Worker’s Compensation: Opt Out in Wisconsin?

By
November 4, 2016

In 2014 Oklahoma enacted a radical change to its workers’ compensation statute, and on September 13, 2016, the Oklahoma Supreme Court held that it violates the state constitution. The case is Dillard’s, Inc. v. Vasquez, 2016 OK 89. Some version of the Oklahoma legislative plan might be considered by the Wisconsin Legislature. This article explores the structure of what the Oklahoma Supreme Court majority opinion termed the “Opt Out Act.”

Oklahoma enacted a dual workers’ compensation scheme on February 1, 2014. In doing so, the legislature repackaged its long-standing traditional workers’ compensation program to become known as the “Administrative Workers’ Compensation Act” (AWCA) and created the “Oklahoma Employee Injury Benefit Act” (referred to in the majority opinion as the “Opt Out Act” and in the main concurring opinion as the “OEIBA”). Whereas the AWAC is a traditional statutory workers’ compensation act, the Opt Out Act is an employee welfare benefit plan operated under the Employee Retirement Income Security Act of 1974 (ERISA). Under the new law Oklahoma employers were required to select one or the other. Opting out of workers’ compensation entirely was not allowed.

Generally speaking, self-funded employee welfare benefit plans under ERISA are devised so as to vest the plan sponsor with maximum discretion to establish what benefits may be eligible for award. Claims administrators are sometimes appointed to review claims submitted by the beneficiary, here, the injured worker, although in some cases the employer is the claims administrator. The “hearing” is typically a paper review, not a contested case with adverse testimony. Likewise, appeals are usually a paper review. Decisions of the appeal adjudicator are final and binding. Judicial review in state or federal court is subject to narrow review on the paper record established during the claims process with deference to the plan sponsor’s decisions. ERISA, a federal statute, preempts state laws that govern such benefits, except for those state laws enacted solely to provide workers’ compensation benefits.

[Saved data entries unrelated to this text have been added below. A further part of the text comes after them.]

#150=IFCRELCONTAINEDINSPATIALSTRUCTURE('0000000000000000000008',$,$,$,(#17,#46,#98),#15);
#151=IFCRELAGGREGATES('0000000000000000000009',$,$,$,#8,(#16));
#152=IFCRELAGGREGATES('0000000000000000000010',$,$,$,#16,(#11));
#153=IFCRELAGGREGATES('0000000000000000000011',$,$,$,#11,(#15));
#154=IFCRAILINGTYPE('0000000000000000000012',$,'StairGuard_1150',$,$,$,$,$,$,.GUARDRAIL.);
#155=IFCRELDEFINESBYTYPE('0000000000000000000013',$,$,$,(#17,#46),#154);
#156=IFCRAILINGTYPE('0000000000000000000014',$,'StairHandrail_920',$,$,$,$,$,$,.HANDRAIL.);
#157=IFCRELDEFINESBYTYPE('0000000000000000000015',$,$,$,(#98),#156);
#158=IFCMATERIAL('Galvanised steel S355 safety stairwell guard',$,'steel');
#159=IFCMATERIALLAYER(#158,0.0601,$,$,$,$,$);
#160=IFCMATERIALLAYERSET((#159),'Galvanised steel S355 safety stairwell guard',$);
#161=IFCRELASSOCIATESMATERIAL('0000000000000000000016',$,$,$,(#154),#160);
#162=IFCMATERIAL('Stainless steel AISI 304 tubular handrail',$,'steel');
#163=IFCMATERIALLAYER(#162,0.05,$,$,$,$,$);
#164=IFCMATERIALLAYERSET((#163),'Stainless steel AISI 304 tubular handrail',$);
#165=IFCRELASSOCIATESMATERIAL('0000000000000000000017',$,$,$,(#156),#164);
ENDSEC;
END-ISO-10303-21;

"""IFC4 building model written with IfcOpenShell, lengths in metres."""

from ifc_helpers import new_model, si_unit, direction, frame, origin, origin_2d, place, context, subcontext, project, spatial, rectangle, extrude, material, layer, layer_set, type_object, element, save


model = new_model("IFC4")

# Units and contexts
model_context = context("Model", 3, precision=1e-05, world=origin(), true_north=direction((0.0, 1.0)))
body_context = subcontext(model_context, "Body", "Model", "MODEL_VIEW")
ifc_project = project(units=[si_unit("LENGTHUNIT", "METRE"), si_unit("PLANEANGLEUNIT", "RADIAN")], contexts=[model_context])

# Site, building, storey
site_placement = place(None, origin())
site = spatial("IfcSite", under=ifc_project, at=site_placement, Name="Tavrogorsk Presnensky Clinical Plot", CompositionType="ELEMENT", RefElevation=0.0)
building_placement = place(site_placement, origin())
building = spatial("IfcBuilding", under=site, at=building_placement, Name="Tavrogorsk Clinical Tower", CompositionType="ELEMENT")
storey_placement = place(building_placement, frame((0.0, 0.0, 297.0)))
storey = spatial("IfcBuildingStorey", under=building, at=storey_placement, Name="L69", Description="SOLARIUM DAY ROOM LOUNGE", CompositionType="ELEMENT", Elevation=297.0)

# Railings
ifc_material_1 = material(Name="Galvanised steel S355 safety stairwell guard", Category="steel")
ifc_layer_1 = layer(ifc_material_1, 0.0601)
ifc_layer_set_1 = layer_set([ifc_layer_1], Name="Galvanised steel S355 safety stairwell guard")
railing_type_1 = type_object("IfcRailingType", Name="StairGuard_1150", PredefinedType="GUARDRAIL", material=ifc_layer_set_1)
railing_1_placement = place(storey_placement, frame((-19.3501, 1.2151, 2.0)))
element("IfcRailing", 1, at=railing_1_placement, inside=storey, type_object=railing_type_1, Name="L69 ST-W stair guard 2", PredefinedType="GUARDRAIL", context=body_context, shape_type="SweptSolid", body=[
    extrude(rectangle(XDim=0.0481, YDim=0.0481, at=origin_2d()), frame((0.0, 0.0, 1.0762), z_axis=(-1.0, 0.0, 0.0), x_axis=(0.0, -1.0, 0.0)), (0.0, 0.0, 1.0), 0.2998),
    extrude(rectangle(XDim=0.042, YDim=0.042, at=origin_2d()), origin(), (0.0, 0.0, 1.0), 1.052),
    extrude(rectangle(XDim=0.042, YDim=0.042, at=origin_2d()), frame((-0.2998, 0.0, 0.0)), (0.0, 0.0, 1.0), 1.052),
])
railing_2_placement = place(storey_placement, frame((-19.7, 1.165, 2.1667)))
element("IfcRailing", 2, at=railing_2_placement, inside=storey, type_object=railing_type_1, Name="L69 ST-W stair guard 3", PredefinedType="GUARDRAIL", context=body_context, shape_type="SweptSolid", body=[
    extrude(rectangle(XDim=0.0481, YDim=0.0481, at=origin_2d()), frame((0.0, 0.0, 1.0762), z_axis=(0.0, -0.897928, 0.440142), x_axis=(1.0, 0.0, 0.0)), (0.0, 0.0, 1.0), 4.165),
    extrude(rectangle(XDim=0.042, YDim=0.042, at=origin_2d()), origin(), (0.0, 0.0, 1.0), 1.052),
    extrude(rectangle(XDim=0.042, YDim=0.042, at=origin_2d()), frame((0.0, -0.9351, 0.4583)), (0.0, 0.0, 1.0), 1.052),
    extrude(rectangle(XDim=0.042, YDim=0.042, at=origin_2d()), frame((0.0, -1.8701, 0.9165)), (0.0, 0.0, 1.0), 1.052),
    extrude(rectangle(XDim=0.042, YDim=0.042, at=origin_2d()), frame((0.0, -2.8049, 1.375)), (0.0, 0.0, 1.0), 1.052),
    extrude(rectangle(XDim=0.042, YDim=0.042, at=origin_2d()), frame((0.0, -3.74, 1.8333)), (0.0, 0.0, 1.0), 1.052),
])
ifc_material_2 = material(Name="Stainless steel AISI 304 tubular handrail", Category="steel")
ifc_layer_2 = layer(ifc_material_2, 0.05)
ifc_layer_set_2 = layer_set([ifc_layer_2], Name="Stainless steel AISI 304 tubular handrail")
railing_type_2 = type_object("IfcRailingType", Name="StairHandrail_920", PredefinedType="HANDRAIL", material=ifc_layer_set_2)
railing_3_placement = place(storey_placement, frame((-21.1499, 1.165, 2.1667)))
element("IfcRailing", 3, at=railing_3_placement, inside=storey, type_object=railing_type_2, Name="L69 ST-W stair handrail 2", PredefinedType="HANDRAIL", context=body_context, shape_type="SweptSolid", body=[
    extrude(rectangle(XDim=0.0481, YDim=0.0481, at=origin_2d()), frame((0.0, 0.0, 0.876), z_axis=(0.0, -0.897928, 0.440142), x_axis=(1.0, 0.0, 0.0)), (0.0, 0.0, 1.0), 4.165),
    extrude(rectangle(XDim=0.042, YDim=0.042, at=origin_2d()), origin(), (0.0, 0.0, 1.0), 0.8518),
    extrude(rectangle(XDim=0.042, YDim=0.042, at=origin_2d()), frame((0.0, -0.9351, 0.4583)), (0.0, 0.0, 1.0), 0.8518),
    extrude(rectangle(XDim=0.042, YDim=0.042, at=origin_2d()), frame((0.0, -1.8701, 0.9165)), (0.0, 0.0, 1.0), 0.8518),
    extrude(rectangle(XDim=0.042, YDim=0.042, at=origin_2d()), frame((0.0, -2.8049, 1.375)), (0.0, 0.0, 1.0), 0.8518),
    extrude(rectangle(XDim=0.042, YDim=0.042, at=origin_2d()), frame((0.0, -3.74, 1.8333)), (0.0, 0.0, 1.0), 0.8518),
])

Oklahoma’s Opt Out Act required certain benefit levels for work-related injuries to meet or exceed the same levels as those in the AWCA. In other words, items such as temporary total disability rates and permanent partial disability percentages under the Opt Out Act must meet or exceed those of the AWCA. The critical provision which was held to be unconstitutional provided, however, that no other provision of the AWCA defining covered injuries, medical management, dispute resolution or other process, funding, notices or penalties shall apply unless the plan sponsor expressly chose to do so. Moreover, all employers in Oklahoma under the AWCA and the Opt Out Act retained the full protection of the exclusive remedy of workers’ compensation under the dual scheme.

A Dillard’s, Inc. employee, Jonnie Yvonne Vasquez, injured her neck and shoulder while lifting a shoe box in a Dillard’s department store in the fall of 2014. Dillard’s, Inc. had selected the Opt Out Act, and it denied her claim. Ms. Vasquez sought relief before the Oklahoma Workers’ Compensation Commission. Dillard’s, Inc. attempted to remove the matter to federal district court, but the federal judge, having found that the Opt Out Act is not pre-empted by ERISA because it is a workers’ compensation statute, sent the case back to the Oklahoma Commission. The Oklahoma Commission ruled that the Opt Out Act violates Oklahoma’s constitutional prohibition against “special laws.” Dillard’s, Inc. appealed to the Oklahoma Supreme Court, which affirmed the Commission’s ruling.

The court found that the dual system creates two classes of employees, those who have work-related injuries or conditions whose employers selected statutory worker’s compensation benefits and those whose employers chose the Opt Out Act. “The core provision of the Opt Out Act . . . creates impermissible, unequal, and disparate treatment of a select group of injured workers. Therefore, we hold that the Oklahoma Employee Injury Benefit Act . . . is an unconstitutional special law under the Oklahoma Constitution . . .” (internal citations omitted).

We understand that bills to establish similar opt out schemes have been introduced in Tennessee and South Carolina. The lobbyist for opt out plans is said to be the Association for Responsible Alternatives to Workers’ Compensation (ARAWC). It is said that ARAWC has met with elected officials in the Wisconsin Legislature.